1\. They might not have the source any more. There's a depressingly large
amount of software that was created, that no-one has the source code to. It
might have been lost in a server crash, it might have been stored on a medium
which is now unreadable, or people might have just not cared about it after
the product was shipped and who knows where it is now?

2\. There might be legal reasons preventing them from releasing it. For
example, be a software patent covering part of the code which they licensed
for their commercial use, but which prevents them from releasing it as open-
source. An example here would be Doom 3's shadow volume code - the open-source
release didn't actually include the code that shipped with the game, instead
it included a slower (yet not patent-encumbered) algorithm. Unless you built
absolutely everything in-house and licensed nothing from anyone else, it can
be tricky to work out whether you're actually allowed to release the source to
your product.

3\. It might reveal other things that should be private to the company. Often
source code has overly-tight integration with things like your in-house
version control, or your build system, or other things of that nature.

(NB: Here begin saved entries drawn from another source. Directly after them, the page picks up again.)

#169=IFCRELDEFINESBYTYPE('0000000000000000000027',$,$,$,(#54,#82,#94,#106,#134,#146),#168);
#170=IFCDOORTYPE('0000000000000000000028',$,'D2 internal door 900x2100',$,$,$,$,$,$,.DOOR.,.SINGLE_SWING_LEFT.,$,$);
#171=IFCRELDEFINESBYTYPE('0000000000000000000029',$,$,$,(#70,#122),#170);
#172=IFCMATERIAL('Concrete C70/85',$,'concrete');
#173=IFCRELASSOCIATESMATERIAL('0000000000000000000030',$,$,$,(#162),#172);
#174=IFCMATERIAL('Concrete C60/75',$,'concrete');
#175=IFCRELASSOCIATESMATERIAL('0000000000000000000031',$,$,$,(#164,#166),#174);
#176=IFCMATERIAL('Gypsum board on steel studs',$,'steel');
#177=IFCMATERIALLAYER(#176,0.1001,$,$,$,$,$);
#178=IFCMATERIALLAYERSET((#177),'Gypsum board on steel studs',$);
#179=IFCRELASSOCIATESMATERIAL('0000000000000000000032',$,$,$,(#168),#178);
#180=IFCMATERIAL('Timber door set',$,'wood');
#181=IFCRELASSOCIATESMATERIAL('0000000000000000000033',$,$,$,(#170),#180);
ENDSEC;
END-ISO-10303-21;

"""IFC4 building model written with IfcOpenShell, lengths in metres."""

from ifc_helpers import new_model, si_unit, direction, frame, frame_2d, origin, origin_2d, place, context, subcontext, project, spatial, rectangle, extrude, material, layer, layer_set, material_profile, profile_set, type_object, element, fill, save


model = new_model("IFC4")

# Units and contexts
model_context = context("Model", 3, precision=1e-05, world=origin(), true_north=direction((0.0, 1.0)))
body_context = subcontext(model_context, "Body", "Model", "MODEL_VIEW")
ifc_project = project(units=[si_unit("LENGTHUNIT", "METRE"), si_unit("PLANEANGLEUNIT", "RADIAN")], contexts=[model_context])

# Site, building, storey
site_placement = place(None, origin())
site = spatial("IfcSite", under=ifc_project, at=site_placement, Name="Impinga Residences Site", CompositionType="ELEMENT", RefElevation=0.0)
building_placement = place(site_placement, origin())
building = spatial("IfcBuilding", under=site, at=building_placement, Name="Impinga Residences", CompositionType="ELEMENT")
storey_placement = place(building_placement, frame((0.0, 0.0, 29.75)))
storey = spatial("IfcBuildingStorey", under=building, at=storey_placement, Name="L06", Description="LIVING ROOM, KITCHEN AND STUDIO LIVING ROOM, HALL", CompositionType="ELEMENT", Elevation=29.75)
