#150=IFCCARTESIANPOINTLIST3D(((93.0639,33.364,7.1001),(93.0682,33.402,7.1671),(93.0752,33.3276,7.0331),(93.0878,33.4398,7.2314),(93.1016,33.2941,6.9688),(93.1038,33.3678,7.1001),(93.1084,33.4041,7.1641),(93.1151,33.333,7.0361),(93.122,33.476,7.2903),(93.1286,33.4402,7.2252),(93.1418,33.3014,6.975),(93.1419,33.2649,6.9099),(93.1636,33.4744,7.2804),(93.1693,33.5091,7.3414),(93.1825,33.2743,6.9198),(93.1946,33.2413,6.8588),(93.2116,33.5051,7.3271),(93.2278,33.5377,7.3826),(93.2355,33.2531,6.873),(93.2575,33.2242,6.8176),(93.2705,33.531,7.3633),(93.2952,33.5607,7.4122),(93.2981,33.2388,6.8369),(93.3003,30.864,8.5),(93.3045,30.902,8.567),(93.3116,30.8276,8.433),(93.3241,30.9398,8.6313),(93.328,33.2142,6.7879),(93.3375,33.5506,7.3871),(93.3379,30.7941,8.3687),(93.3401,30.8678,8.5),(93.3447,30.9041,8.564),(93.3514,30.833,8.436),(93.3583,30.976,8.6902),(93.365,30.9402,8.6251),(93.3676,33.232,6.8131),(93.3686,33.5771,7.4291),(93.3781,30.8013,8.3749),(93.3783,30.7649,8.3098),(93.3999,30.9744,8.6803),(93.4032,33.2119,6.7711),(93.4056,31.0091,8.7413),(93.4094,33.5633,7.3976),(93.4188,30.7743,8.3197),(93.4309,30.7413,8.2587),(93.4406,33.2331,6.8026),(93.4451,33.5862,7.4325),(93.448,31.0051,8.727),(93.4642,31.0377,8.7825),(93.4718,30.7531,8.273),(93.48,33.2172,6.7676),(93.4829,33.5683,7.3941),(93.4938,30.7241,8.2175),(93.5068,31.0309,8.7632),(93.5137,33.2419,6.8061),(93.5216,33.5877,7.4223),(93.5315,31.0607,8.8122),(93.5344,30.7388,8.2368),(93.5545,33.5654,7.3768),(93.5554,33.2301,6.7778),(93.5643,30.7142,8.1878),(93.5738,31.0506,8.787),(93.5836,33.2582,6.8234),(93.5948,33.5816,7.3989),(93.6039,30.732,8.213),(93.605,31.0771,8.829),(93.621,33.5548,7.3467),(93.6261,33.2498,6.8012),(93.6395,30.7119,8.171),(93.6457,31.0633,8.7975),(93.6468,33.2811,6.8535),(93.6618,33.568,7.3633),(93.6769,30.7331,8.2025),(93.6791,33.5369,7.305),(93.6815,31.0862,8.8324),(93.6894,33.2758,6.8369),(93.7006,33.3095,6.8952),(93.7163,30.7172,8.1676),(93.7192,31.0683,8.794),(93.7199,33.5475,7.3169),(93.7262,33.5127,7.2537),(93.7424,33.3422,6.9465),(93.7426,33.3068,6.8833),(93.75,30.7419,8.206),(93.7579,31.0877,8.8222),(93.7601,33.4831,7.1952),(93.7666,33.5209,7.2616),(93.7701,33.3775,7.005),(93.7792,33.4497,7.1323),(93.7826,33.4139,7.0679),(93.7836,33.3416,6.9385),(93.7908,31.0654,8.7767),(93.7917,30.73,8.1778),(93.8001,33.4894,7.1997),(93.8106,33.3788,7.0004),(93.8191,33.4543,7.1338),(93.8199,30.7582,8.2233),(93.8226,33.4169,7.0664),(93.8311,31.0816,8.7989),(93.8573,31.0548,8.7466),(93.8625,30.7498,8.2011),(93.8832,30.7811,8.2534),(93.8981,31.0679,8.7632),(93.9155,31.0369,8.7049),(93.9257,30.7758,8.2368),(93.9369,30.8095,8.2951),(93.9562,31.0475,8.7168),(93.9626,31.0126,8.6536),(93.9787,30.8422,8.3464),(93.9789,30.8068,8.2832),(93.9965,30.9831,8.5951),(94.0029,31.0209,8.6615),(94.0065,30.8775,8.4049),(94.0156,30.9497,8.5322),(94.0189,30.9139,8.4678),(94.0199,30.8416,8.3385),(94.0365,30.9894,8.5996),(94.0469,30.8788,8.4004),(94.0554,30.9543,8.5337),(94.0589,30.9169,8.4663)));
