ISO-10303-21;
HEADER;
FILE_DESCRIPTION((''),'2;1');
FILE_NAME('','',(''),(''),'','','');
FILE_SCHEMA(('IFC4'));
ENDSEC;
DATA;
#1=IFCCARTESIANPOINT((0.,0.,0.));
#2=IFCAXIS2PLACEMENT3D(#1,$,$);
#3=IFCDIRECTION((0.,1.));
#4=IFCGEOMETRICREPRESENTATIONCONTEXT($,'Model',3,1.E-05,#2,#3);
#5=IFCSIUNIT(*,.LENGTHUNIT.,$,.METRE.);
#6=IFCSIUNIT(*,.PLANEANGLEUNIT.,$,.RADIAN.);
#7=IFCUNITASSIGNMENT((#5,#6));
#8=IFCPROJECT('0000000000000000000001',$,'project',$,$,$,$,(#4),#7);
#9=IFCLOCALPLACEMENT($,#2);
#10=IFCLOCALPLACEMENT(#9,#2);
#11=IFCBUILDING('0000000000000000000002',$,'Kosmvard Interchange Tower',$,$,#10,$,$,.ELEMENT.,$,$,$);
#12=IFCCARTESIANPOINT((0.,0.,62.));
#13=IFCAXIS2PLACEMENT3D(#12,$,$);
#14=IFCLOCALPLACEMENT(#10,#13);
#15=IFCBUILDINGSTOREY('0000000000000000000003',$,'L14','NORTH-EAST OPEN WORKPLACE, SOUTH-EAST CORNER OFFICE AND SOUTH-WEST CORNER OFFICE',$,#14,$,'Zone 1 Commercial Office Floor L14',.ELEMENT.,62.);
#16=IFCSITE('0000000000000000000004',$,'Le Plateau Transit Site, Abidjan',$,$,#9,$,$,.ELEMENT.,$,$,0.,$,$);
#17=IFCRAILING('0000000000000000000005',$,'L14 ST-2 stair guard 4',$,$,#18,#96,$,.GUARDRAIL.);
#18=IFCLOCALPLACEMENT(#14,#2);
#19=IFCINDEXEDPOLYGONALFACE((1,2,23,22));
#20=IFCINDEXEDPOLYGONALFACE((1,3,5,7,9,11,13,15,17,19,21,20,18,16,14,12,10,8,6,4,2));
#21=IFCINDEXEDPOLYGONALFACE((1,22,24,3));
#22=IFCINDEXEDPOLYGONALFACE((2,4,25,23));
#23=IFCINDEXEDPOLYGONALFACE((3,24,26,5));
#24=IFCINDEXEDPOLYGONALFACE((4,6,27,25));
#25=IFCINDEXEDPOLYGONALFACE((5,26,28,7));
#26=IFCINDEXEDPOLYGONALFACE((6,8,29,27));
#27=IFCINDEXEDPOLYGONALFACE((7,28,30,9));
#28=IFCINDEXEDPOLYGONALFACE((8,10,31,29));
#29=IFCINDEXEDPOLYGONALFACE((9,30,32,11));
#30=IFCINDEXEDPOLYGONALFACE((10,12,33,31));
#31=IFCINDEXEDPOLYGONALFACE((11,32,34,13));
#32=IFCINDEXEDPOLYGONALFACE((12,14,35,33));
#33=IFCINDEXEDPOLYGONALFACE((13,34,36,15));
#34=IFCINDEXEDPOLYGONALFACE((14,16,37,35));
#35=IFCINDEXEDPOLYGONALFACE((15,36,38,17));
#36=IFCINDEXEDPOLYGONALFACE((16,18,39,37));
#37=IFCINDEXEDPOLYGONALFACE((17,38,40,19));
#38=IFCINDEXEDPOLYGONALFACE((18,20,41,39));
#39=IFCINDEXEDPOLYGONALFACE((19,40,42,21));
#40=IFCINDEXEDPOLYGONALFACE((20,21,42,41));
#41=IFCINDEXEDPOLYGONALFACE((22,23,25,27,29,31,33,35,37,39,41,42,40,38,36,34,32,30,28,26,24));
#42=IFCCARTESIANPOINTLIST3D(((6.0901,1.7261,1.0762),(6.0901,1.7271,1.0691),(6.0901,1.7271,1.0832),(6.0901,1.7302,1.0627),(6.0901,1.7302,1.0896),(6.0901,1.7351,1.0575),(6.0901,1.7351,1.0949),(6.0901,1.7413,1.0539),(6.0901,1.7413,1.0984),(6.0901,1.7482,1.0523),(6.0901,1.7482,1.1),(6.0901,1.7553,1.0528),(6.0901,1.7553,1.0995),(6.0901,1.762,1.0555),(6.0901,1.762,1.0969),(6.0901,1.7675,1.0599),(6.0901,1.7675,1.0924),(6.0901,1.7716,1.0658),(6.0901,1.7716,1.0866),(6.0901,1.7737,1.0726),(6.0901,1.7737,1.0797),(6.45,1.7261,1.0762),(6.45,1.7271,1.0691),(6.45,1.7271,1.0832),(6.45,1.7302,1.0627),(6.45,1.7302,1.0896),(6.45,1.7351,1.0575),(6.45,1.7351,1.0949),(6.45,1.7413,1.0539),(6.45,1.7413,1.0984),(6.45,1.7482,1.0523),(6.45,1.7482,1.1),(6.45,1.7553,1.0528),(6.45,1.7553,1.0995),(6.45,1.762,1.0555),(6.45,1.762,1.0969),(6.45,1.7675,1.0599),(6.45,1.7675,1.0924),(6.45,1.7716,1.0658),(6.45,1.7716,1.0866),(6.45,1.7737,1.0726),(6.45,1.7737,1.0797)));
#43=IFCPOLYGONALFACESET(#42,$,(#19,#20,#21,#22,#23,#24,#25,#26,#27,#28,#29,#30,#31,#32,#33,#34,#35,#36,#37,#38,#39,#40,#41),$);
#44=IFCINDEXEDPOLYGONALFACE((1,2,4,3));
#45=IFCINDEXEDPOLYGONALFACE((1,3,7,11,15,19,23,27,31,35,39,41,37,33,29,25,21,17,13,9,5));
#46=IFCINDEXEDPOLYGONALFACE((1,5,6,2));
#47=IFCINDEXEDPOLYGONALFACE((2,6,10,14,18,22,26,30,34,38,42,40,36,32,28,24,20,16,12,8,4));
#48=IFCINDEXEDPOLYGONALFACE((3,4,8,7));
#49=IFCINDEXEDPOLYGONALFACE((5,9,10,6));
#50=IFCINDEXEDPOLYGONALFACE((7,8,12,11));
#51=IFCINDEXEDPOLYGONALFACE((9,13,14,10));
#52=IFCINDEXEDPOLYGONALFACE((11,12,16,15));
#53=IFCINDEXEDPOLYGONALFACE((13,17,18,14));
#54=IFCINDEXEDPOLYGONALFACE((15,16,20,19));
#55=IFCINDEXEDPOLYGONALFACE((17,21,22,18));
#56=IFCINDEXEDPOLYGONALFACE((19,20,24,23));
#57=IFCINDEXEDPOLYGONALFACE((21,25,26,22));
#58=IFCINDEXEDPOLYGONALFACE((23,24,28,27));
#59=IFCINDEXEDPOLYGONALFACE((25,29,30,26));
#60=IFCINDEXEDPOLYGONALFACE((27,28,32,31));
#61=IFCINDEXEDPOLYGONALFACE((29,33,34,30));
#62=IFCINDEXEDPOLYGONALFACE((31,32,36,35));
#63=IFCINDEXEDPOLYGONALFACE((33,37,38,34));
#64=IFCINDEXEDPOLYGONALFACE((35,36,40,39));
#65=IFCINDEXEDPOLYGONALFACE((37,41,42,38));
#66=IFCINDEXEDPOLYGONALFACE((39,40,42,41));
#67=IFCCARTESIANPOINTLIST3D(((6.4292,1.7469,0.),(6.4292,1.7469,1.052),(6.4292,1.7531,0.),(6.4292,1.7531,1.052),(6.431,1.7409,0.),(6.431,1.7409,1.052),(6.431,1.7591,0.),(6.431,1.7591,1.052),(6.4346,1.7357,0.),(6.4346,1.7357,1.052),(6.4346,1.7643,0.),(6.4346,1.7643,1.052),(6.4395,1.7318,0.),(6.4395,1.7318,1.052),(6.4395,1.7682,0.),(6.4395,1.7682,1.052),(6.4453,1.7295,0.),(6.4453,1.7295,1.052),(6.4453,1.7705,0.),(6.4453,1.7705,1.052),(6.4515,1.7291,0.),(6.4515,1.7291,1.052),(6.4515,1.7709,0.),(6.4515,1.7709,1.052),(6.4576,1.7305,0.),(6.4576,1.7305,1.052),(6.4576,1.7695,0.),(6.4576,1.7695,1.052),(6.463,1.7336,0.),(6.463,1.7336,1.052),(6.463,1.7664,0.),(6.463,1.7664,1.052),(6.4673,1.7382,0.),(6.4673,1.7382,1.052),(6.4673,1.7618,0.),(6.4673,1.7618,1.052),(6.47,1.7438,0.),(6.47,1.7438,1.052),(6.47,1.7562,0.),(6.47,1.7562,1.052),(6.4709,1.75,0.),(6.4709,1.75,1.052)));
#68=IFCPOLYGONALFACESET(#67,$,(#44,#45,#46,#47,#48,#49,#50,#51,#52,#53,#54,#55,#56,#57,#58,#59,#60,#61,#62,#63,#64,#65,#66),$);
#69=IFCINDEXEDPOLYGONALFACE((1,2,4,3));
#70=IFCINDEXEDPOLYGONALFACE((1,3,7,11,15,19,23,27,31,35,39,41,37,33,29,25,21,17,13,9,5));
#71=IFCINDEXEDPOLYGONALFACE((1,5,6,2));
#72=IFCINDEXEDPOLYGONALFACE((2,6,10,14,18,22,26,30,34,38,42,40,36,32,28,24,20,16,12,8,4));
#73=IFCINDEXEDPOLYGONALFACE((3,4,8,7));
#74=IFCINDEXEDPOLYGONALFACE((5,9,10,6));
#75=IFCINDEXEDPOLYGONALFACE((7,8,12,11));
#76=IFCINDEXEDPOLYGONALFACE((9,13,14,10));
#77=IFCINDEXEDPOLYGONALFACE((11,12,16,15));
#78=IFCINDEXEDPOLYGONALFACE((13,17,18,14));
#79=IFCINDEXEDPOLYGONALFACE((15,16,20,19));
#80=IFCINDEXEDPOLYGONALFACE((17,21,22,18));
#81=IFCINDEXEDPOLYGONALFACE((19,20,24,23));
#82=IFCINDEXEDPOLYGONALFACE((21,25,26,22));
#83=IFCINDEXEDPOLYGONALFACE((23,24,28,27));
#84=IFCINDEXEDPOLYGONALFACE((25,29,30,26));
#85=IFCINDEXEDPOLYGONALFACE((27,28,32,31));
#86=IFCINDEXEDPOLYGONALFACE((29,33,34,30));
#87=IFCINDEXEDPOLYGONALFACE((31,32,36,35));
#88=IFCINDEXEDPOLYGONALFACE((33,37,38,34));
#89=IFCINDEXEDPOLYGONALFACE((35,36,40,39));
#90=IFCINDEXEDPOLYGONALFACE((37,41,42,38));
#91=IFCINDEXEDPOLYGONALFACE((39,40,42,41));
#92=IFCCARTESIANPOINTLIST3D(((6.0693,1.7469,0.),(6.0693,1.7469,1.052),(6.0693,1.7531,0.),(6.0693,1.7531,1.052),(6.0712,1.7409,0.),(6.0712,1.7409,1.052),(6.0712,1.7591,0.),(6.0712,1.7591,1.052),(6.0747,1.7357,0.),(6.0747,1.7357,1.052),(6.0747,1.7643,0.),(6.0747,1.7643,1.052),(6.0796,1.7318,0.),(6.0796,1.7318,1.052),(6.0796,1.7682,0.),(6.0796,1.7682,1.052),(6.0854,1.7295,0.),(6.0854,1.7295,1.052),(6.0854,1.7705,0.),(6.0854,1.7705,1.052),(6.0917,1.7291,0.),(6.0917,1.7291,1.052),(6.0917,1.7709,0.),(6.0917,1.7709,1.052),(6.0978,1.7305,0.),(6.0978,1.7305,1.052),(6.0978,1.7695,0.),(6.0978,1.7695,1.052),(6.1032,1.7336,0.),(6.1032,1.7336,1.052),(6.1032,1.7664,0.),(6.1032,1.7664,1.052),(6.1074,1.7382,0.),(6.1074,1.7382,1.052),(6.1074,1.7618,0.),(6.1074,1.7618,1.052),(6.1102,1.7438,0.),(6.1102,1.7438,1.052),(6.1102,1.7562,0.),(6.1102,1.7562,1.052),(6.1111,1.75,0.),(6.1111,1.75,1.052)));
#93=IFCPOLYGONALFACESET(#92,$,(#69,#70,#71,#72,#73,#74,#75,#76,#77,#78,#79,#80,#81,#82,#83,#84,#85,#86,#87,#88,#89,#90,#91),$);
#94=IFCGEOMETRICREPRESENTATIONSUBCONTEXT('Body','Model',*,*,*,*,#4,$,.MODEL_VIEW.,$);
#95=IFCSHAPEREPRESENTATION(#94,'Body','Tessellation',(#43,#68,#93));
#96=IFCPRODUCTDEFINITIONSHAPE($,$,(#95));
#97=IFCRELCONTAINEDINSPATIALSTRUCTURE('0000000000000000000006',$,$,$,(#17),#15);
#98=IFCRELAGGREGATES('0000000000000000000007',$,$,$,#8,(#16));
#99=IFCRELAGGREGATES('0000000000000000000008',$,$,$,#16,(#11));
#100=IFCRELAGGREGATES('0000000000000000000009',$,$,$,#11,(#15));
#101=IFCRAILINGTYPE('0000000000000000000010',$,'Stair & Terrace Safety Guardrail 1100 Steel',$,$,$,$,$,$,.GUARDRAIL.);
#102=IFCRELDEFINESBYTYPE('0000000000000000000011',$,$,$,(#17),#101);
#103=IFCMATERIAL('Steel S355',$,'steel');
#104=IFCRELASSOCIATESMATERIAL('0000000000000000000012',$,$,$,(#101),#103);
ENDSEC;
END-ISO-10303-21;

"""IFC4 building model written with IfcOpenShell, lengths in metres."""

from ifc_helpers import new_model, si_unit, direction, frame, origin, origin_2d, place, context, subcontext, project, spatial, circle, extrude, source, transform, mapped, material, type_object, element, save


model = new_model("IFC4")

# Units and contexts
model_context = context("Model", 3, precision=1e-05, world=origin(), true_north=direction((0.0, 1.0)))
body_context = subcontext(model_context, "Body", "Model", "MODEL_VIEW")
ifc_project = project(units=[si_unit("LENGTHUNIT", "METRE"), si_unit("PLANEANGLEUNIT", "RADIAN")], contexts=[model_context])

# Site, building, storey
site_placement = place(None, origin())
site = spatial("IfcSite", under=ifc_project, at=site_placement, Name="Le Plateau Transit Site, Abidjan", CompositionType="ELEMENT", RefElevation=0.0)
building_placement = place(site_placement, origin())
building = spatial("IfcBuilding", under=site, at=building_placement, Name="Kosmvard Interchange Tower", CompositionType="ELEMENT")
storey_placement = place(building_placement, frame((0.0, 0.0, 62.0)))
storey = spatial("IfcBuildingStorey", under=building, at=storey_placement, Name="L14", Description="NORTH-EAST OPEN WORKPLACE, SOUTH-EAST CORNER OFFICE AND SOUTH-WEST CORNER OFFICE", LongName="Zone 1 Commercial Office Floor L14", CompositionType="ELEMENT", Elevation=62.0)

# Shared definitions
ifc_material_1 = material(Name="Steel S355", Category="steel")

# Railing
railing_type_1 = type_object("IfcRailingType", Name="Stair & Terrace Safety Guardrail 1100 Steel", PredefinedType="GUARDRAIL", material=ifc_material_1)
shared_shape_1 = source(origin(), body_context, "Body", "SweptSolid", [
    extrude(circle(Radius=0.0239, at=origin_2d()), frame((0.0, 0.0, 1.0762), z_axis=(-1.0, 0.0, 0.0), x_axis=(0.0, -1.0, 0.0)), (0.0, 0.0, 1.0), 0.3599),
    extrude(circle(Radius=0.021, at=origin_2d()), origin(), (0.0, 0.0, 1.0), 1.052),
    extrude(circle(Radius=0.021, at=origin_2d()), frame((-0.3599, 0.0, 0.0)), (0.0, 0.0, 1.0), 1.052),
])
for number, where, name in (
    (1, (6.45, 1.75, 0.0), "L14 ST-2 stair guard 4"),
):
    element("IfcRailing", number, at=place(storey_placement, frame(where)), inside=storey, type_object=railing_type_1, Name=name, PredefinedType="GUARDRAIL", context=body_context, shape_type="MappedRepresentation", body=[
        mapped(shared_shape_1, transform((0.0, 0.0, 0.0), scale=1.0)),
    ])

save(model, "model.ifc")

Perhaps
your debug build automatically uploads crash logs to your bug tracker, and
includes credentials for doing that which were stripped out of the release
build? In order to do an open-source release, you need to look through your
entire code to figure out if there is anything sensitive there, and remove it
(in a way that doesn't stop the product working).

And finally...

4\. What benefit does it get them? Gathering up, scrubbing, testing, and
releasing an open-source product takes a substantial amount of effort, and
hence a substantial amount of money. And you'd be hard-pressed to see a return
on that investment in anything except vague, largely-meaningless "community
good will".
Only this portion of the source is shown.